I'm finishing an illustration-only book. It was intended for children, but it's suitable for all ages.Please refer to this post.
So would it be considered a children's picture book because it meets the page-count criteria, or could it be stretched to the novelty category and submitted to agents that don't accept children's fiction? It seems to me that novelty can be a tough sell, but aren't consumers more likely to purchase a novelty/gift book than, say, a fifteen-dollar picture book? I ask that realizing your answer most likely is that it depends on the pictures, but feel free to surprise me here.It depends on the pictures---and the topic.
There is a core audience for your book.

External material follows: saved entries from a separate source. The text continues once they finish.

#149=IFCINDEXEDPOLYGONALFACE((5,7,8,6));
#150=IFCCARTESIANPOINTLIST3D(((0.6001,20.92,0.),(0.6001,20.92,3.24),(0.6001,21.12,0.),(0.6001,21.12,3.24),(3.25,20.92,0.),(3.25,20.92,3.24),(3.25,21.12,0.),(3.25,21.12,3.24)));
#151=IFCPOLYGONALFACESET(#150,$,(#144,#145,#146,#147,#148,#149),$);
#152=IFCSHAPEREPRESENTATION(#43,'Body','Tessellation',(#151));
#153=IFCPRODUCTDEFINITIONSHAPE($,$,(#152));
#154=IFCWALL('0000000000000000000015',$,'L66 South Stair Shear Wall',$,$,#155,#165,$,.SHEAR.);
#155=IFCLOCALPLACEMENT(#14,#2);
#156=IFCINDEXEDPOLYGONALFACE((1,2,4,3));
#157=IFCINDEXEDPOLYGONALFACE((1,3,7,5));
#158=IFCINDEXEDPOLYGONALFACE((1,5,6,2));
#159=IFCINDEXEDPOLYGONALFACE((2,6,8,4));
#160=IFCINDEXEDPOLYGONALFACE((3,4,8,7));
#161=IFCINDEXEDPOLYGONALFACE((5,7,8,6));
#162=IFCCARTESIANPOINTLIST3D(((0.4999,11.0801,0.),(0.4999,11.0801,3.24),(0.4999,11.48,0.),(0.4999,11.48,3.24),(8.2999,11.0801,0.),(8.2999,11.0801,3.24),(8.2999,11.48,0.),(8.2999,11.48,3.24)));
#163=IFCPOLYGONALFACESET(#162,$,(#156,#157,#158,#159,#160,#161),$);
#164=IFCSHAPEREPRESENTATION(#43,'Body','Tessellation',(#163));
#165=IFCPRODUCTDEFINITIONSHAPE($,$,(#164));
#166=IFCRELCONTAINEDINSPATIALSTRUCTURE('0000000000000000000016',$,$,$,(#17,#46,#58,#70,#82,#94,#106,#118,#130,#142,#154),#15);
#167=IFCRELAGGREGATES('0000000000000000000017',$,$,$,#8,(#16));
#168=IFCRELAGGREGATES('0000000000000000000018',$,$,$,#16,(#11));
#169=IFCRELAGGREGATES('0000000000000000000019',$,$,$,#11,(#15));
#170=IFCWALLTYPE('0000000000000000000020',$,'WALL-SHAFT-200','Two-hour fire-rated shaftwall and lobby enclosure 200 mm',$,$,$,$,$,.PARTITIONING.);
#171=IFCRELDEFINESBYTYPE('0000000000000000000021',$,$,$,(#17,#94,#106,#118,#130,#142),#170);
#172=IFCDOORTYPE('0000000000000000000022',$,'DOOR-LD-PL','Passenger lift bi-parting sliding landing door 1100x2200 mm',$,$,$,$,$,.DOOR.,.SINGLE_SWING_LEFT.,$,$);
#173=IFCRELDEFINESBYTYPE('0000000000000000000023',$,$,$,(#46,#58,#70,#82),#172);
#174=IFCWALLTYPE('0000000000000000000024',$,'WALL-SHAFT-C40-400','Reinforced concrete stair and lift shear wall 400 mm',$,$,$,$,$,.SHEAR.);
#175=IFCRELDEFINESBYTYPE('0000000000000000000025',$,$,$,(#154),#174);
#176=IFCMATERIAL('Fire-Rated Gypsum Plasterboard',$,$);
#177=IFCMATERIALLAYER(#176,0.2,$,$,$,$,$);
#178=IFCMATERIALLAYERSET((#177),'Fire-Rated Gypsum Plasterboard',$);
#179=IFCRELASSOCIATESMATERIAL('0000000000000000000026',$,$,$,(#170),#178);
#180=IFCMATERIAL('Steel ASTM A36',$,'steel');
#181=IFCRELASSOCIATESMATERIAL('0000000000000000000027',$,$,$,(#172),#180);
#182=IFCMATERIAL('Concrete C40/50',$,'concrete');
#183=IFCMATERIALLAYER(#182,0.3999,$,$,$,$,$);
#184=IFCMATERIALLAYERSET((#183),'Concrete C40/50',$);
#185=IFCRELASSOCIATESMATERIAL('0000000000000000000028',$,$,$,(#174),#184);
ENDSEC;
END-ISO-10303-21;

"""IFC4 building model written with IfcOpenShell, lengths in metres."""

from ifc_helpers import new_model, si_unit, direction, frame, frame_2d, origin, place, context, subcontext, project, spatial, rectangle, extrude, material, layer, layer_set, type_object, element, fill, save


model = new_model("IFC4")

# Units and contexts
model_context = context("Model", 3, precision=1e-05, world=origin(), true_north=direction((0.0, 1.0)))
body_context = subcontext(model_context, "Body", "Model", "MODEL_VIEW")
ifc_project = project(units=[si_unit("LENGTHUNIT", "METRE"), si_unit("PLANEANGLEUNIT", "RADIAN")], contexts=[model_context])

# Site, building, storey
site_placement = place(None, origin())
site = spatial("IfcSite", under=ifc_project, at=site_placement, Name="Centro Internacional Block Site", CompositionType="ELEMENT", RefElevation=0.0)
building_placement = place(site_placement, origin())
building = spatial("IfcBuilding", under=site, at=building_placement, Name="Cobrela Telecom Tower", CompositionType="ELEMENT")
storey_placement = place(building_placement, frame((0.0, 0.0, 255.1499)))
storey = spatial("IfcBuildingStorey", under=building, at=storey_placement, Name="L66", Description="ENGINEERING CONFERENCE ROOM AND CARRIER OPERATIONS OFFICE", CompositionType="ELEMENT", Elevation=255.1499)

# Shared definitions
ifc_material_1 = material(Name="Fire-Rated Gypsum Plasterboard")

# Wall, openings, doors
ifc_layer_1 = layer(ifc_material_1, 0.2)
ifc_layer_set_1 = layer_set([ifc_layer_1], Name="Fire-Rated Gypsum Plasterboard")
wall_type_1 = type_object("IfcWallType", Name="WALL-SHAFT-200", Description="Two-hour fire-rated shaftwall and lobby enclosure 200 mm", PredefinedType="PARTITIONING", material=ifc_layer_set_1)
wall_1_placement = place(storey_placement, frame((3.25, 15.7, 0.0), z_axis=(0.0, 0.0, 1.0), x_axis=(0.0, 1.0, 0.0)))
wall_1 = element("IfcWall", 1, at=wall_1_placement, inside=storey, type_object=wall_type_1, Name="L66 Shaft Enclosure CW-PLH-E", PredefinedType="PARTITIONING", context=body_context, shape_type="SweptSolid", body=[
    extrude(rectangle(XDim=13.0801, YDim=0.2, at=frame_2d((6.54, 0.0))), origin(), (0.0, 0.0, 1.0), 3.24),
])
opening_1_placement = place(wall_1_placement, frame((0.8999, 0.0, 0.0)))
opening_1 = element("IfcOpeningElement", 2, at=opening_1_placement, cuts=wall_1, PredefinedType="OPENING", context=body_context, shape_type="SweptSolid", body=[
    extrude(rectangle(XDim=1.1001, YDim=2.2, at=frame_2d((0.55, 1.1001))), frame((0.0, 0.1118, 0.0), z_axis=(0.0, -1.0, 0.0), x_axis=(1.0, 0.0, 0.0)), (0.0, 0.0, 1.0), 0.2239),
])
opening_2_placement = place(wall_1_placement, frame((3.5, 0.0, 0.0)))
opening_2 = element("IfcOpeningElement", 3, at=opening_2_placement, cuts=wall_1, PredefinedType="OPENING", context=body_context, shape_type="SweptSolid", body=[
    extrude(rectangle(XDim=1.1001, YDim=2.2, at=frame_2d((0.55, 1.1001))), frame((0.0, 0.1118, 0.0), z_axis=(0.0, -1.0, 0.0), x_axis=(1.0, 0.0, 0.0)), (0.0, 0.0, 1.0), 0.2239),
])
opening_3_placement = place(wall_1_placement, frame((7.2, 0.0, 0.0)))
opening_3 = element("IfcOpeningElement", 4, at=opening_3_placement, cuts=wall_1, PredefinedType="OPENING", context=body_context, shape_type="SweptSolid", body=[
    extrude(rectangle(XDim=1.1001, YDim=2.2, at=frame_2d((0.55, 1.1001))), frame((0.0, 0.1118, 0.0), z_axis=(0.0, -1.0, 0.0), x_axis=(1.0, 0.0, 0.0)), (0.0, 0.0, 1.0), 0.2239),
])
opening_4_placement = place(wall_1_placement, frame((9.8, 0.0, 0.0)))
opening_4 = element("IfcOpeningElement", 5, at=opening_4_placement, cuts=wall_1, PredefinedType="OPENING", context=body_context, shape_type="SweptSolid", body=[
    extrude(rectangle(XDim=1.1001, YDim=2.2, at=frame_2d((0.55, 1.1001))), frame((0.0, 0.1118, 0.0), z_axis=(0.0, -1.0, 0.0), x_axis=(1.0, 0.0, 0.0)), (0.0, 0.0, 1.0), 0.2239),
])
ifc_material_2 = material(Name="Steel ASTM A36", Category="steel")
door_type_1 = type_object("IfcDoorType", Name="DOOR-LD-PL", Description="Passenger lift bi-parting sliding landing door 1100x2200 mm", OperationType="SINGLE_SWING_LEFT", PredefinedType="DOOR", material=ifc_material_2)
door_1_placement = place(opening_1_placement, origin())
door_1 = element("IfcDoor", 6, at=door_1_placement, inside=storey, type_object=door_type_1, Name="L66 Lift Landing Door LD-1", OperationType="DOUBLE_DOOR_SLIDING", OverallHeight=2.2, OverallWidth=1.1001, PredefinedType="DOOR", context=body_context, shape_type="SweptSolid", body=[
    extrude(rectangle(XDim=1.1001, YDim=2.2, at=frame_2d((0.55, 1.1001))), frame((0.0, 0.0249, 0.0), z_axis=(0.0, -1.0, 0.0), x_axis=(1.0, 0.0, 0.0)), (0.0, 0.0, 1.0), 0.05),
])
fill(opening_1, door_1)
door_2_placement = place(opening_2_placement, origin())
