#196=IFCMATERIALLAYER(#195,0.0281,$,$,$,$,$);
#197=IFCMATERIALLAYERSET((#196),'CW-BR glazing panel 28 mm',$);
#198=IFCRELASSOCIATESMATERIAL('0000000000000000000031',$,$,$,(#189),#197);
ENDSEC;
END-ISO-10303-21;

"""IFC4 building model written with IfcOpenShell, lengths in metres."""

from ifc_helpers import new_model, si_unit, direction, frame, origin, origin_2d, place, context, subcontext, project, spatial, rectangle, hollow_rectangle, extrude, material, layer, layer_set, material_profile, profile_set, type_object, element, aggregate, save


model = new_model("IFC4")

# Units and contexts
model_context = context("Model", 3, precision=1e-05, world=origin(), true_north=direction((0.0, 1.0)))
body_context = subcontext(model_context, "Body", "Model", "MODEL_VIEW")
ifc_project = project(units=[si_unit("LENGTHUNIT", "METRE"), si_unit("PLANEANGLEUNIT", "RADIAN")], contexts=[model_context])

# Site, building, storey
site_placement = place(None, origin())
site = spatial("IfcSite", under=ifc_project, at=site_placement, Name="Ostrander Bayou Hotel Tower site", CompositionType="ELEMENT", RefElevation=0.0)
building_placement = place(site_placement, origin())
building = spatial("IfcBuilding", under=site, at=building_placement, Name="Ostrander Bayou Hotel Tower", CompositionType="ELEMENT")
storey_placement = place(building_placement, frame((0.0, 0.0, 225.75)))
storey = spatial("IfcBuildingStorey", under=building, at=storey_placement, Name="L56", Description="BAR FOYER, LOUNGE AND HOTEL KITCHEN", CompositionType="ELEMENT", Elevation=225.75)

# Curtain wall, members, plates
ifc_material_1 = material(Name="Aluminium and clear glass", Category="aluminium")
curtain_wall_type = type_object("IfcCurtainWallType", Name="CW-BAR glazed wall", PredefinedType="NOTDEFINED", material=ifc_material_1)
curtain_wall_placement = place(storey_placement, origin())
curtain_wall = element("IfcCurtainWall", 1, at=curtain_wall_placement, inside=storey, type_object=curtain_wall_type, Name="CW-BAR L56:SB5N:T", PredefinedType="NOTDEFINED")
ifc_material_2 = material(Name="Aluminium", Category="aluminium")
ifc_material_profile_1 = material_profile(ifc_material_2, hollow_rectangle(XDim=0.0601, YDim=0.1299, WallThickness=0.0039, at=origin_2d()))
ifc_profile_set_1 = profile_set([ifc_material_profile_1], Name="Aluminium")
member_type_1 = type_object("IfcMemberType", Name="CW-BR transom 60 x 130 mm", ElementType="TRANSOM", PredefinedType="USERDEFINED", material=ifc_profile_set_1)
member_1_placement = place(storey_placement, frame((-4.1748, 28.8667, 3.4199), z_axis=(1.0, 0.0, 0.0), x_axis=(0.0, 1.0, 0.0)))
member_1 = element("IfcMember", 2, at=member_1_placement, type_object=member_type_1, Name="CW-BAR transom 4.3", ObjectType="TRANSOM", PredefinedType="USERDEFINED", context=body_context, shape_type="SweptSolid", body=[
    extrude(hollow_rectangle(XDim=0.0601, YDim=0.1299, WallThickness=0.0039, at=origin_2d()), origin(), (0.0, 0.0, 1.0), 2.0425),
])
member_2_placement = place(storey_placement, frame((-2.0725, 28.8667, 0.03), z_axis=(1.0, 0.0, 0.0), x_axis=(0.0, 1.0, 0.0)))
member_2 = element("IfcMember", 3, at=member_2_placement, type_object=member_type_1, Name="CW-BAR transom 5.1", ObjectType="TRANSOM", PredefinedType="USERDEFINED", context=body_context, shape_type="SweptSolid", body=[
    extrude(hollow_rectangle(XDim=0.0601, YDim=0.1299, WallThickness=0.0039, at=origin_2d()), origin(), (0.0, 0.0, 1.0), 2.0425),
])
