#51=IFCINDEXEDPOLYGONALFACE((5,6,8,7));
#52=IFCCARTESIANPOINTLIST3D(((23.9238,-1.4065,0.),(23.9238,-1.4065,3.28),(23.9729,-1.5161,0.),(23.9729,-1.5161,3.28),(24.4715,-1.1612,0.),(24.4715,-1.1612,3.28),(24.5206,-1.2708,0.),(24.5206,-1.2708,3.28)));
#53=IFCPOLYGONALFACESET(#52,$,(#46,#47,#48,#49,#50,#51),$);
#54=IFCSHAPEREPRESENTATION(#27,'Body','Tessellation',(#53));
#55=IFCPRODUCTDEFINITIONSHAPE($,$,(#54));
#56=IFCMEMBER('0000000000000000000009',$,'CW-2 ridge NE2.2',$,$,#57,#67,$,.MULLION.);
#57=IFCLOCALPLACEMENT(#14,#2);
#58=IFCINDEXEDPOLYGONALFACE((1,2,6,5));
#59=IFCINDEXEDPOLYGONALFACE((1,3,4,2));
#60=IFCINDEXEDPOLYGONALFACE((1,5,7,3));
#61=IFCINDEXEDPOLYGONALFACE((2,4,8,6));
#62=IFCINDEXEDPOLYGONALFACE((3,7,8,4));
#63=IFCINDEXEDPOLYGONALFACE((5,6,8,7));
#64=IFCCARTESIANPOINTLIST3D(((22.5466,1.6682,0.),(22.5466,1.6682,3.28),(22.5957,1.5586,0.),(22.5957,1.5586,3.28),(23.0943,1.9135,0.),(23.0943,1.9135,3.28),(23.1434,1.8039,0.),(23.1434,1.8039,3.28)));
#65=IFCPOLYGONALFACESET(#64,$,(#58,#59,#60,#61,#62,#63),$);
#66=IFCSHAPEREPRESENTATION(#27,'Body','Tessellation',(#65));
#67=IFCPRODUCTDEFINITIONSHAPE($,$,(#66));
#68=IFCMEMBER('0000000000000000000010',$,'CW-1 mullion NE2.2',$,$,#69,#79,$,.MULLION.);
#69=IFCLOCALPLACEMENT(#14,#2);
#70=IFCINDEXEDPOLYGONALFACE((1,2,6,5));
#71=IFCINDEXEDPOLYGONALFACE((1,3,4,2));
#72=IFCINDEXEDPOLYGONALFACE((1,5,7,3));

I'm guessing, from your question, that the topic or treatment is somewhat adult, and the only reason you think it might be a children's book is the format. I don't suppose you've seen Baby, Mix Me a Drink? Or Furverts? Those are both board book formats, a format associated with infants and toddlers. Does the format make them for that audience? OH HELL NO.
Of course, there are some picture books published every year by children's imprints for which the audience is really adults. The ones who skate that line in an acceptable way are usually light-hearted life advice, like: "if you love someone, set them free." They are bought as graduation gifts (see Walk On or Oh The Places You'll Go). The ones that don't are usually dreadful and sometimes psychotic life advice, like: "if you love someone, let them chop you down to a stump."
But graduation gifts is a difficult niche to publish into---more difficult than adult novelty books.
Figure out who your audience is. Good luck!